Nos bastidores da política acreana, o que antes circulava como mera especulação — quase tratado como “conversa de corredor” — começa, curiosamente, a ganhar contornos públicos. Ainda assim, permanece envolto em silêncio seletivo, sobretudo no que diz respeito às reais motivações que teriam levado a ex-prefeita Fernanda Hassem a não mais seguir alinhada ao grupo do governador Gladson Cameli e da vice-governadora Mailza Assis.
Há alguns meses, o site De Frente com a Notícia já havia antecipado, com base em fonte anônima, a possibilidade de um reposicionamento político envolvendo a ex-prefeita. À época, a informação foi prontamente rechaçada por aliados, classificada — não sem certo entusiasmo — como “calúnia” ou “fake”. Hoje, no entanto, o que antes era descartado como invenção começa a se materializar como aquilo que, ironicamente, sempre foi: uma antecipação dos fatos. Um roteiro conhecido na política local, onde negar primeiro e confirmar depois parece fazer parte de uma estratégia quase institucionalizada — ainda que, no processo, a inteligência do eleitor seja frequentemente colocada à prova.

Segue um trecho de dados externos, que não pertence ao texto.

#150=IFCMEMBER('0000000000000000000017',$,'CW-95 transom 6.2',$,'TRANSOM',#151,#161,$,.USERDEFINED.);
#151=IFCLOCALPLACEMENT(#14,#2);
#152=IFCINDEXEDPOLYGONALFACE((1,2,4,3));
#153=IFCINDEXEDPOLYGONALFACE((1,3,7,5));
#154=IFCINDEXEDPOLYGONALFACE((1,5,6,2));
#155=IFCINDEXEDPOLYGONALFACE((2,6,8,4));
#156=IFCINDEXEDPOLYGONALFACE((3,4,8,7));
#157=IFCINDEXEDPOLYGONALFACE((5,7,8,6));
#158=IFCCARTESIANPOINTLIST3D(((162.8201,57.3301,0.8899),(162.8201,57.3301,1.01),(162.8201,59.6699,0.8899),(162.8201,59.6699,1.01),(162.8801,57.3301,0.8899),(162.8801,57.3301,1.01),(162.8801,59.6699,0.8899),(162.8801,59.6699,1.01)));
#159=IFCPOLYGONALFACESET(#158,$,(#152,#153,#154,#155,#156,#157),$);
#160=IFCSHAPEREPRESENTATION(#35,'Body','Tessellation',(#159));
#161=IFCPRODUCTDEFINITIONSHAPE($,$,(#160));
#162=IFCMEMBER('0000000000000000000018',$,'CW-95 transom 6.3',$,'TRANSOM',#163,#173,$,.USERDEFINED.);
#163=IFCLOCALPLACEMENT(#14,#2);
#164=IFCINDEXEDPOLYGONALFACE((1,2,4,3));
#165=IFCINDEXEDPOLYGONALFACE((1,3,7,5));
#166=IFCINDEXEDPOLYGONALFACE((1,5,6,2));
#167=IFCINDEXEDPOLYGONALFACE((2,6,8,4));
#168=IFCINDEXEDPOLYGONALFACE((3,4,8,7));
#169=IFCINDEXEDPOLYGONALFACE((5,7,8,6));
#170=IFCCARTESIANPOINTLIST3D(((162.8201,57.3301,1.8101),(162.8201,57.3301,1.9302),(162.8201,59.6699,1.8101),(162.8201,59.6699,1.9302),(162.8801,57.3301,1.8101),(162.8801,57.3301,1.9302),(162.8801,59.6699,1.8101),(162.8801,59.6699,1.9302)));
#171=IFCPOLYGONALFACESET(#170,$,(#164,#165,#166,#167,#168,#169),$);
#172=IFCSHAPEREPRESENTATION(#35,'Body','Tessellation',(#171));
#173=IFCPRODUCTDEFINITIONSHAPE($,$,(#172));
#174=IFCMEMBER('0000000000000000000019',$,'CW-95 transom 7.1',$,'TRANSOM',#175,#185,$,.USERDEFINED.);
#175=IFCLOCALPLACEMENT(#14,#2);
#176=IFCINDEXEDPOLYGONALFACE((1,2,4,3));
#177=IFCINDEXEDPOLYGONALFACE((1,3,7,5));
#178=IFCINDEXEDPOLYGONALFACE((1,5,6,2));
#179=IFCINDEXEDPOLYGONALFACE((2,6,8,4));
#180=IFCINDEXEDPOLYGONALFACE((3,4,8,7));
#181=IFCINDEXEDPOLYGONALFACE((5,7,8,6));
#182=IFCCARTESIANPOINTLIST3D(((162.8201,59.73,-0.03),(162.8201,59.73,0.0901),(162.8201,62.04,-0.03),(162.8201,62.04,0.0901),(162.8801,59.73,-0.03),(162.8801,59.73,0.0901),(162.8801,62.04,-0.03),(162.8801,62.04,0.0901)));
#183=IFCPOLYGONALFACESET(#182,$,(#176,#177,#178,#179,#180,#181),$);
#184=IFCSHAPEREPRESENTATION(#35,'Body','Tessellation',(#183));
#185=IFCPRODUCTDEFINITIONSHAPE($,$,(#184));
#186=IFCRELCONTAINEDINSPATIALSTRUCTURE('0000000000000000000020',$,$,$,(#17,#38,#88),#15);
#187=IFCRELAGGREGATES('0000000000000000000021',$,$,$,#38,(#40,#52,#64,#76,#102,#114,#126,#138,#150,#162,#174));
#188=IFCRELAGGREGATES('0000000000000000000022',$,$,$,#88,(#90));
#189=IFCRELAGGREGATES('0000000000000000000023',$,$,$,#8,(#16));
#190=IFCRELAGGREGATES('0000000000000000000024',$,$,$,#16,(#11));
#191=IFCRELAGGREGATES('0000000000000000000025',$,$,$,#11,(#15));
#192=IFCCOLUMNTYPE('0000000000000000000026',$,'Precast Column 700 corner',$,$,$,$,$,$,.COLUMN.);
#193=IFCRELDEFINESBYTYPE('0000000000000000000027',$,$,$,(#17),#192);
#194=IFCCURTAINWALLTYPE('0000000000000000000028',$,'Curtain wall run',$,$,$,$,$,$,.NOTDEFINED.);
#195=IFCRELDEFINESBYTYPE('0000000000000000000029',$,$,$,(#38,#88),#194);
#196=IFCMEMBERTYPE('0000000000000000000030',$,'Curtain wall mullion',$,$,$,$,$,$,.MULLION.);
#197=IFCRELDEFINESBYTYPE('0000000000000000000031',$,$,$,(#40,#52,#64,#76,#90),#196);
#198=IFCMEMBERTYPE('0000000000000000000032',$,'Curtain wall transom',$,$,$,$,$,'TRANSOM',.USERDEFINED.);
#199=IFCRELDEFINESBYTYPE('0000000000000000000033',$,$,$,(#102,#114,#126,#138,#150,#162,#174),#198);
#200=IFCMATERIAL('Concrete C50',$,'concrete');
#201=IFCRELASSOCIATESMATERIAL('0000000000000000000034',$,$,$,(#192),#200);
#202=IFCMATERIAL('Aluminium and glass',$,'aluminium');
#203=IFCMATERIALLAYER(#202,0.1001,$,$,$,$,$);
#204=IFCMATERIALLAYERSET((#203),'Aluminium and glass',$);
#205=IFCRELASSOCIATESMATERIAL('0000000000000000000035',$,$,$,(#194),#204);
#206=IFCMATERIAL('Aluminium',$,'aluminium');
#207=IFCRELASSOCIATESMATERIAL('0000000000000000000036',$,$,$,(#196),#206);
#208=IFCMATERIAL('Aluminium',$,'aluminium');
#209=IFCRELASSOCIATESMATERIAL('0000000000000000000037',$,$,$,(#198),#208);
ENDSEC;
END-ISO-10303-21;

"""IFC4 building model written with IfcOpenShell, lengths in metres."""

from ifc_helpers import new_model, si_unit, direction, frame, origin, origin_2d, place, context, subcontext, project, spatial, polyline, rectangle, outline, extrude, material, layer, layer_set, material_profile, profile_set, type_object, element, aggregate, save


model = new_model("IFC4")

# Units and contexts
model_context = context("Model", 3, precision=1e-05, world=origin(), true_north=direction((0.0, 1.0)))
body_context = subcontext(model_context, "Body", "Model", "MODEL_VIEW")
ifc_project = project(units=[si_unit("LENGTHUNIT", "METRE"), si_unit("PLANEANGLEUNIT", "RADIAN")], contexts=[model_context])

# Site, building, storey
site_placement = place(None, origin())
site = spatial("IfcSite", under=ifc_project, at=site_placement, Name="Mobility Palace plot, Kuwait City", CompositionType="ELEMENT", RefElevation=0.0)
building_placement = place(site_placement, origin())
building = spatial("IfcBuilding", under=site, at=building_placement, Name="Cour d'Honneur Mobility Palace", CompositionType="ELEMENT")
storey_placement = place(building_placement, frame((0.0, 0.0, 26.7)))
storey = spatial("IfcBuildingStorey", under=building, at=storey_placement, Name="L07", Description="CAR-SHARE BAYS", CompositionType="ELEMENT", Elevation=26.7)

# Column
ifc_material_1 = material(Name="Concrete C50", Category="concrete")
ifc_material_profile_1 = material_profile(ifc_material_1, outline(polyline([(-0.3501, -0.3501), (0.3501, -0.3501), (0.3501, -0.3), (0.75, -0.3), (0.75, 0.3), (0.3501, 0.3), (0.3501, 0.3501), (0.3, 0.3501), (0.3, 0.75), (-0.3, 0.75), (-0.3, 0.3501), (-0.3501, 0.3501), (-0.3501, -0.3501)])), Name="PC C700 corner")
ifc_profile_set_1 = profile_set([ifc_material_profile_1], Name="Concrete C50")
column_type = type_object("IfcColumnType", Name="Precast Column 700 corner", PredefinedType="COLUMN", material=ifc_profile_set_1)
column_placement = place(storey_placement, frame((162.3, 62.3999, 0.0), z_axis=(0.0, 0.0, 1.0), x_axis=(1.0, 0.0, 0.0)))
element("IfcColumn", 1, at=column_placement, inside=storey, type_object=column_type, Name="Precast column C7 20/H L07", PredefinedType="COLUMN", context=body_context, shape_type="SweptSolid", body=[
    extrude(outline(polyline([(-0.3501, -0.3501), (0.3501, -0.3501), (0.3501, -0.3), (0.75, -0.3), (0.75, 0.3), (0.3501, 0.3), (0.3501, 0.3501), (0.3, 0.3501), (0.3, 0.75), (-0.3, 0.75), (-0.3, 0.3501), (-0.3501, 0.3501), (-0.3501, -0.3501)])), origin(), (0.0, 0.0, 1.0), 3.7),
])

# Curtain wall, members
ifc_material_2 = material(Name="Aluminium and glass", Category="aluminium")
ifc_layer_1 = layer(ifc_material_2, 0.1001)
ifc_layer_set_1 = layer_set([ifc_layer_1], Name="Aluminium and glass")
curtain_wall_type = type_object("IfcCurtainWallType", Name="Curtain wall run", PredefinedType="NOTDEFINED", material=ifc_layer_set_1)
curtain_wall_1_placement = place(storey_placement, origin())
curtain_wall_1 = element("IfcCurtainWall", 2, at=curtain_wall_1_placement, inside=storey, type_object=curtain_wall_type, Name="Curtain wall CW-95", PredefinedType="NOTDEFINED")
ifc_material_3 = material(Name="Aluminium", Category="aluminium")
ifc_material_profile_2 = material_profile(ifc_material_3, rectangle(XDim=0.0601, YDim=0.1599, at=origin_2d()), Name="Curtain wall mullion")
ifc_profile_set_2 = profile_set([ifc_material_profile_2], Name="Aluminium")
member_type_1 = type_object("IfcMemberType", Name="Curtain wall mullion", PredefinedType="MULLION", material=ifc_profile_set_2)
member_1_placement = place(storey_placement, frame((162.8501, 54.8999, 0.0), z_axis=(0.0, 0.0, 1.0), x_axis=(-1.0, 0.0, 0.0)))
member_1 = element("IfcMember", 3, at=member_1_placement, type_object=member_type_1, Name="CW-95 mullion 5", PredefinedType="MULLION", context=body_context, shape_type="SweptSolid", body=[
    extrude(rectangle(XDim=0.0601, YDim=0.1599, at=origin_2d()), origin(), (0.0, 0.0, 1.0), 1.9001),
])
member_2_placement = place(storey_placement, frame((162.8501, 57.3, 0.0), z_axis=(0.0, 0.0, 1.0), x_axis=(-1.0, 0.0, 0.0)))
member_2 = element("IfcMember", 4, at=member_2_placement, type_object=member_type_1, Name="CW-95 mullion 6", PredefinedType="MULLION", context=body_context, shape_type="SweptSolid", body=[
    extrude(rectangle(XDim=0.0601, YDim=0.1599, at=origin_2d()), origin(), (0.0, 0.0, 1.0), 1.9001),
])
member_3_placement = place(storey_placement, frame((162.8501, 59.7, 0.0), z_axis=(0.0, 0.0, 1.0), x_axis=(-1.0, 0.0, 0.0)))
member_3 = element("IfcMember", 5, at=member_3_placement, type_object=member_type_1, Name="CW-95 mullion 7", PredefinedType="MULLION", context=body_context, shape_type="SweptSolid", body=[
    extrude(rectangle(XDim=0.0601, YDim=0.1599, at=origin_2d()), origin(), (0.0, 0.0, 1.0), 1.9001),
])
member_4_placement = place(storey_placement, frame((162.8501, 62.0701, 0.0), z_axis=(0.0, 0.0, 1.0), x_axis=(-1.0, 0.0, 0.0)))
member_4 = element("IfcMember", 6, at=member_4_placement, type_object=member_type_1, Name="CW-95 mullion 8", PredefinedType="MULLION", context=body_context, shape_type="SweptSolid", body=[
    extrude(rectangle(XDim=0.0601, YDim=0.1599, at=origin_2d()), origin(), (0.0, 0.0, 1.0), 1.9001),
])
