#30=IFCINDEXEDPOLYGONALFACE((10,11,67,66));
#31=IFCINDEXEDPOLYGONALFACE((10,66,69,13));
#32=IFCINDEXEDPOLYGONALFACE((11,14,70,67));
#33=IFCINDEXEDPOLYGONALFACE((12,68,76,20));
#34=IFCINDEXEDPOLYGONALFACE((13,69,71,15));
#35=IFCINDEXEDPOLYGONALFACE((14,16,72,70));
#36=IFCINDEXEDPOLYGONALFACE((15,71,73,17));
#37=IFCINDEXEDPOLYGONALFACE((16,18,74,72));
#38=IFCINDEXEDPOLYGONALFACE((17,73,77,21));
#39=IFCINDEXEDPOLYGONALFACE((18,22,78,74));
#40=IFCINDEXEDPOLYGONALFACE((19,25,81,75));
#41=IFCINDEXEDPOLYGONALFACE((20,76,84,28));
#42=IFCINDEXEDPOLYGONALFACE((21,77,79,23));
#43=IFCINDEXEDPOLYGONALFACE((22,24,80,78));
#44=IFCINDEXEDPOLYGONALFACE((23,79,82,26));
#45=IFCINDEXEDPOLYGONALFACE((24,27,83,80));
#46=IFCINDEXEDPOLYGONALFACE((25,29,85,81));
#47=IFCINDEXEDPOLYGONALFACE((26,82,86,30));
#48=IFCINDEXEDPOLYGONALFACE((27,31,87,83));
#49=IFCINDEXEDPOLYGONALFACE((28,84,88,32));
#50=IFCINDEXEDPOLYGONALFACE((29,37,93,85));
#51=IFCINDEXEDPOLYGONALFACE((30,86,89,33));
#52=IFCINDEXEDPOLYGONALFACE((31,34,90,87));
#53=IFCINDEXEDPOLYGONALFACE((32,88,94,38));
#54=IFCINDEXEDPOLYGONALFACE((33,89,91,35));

Agora, o tema retorna de forma mais explícita. Durante uso da tribuna, o deputado estadual Tadeu Hassem confirmou o movimento de saída da base de apoio governista. Um gesto político, sem dúvida, mas que segue curiosamente desacompanhado de explicações objetivas à população — como se decisões dessa magnitude pudessem prescindir de transparência.
Irmão da ex-prefeita, o parlamentar reforçou o reposicionamento, mas evitou detalhar os fatores que levaram ao distanciamento da gestão da governadora Marilza Assis. Optou-se, ao que tudo indica, por uma “discrição estratégica” — expressão elegante para definir o silêncio que, não raramente, acompanha rearranjos políticos dessa natureza.
A ausência de justificativas claras, previsivelmente, abre espaço para as mais variadas interpretações: divergências internas, insatisfações não declaradas ou, quem sabe, cálculos eleitorais cuidadosamente desenhados para o futuro. Em um ambiente onde alianças mudam com a mesma facilidade com que são anunciadas, o não dito costuma carregar tanto — ou mais — significado quanto qualquer discurso oficial.
Enquanto isso, o eleitor observa. Entre versões, negativas e confirmações tardias, cresce a sensação de que, mais uma vez, os movimentos políticos acontecem em um ritmo próprio — distante da transparência prometida em campanhas e próximo de uma lógica onde explicar parece opcional.
No tabuleiro político, as peças seguem se movendo. E o que ontem era tratado como rumor, hoje se consolida como fato — ainda que revelado em doses controladas. Resta saber se, desta vez, os motivos virão à tona por iniciativa dos próprios protagonistas ou, como de costume, pela força inevitável dos acontecimentos.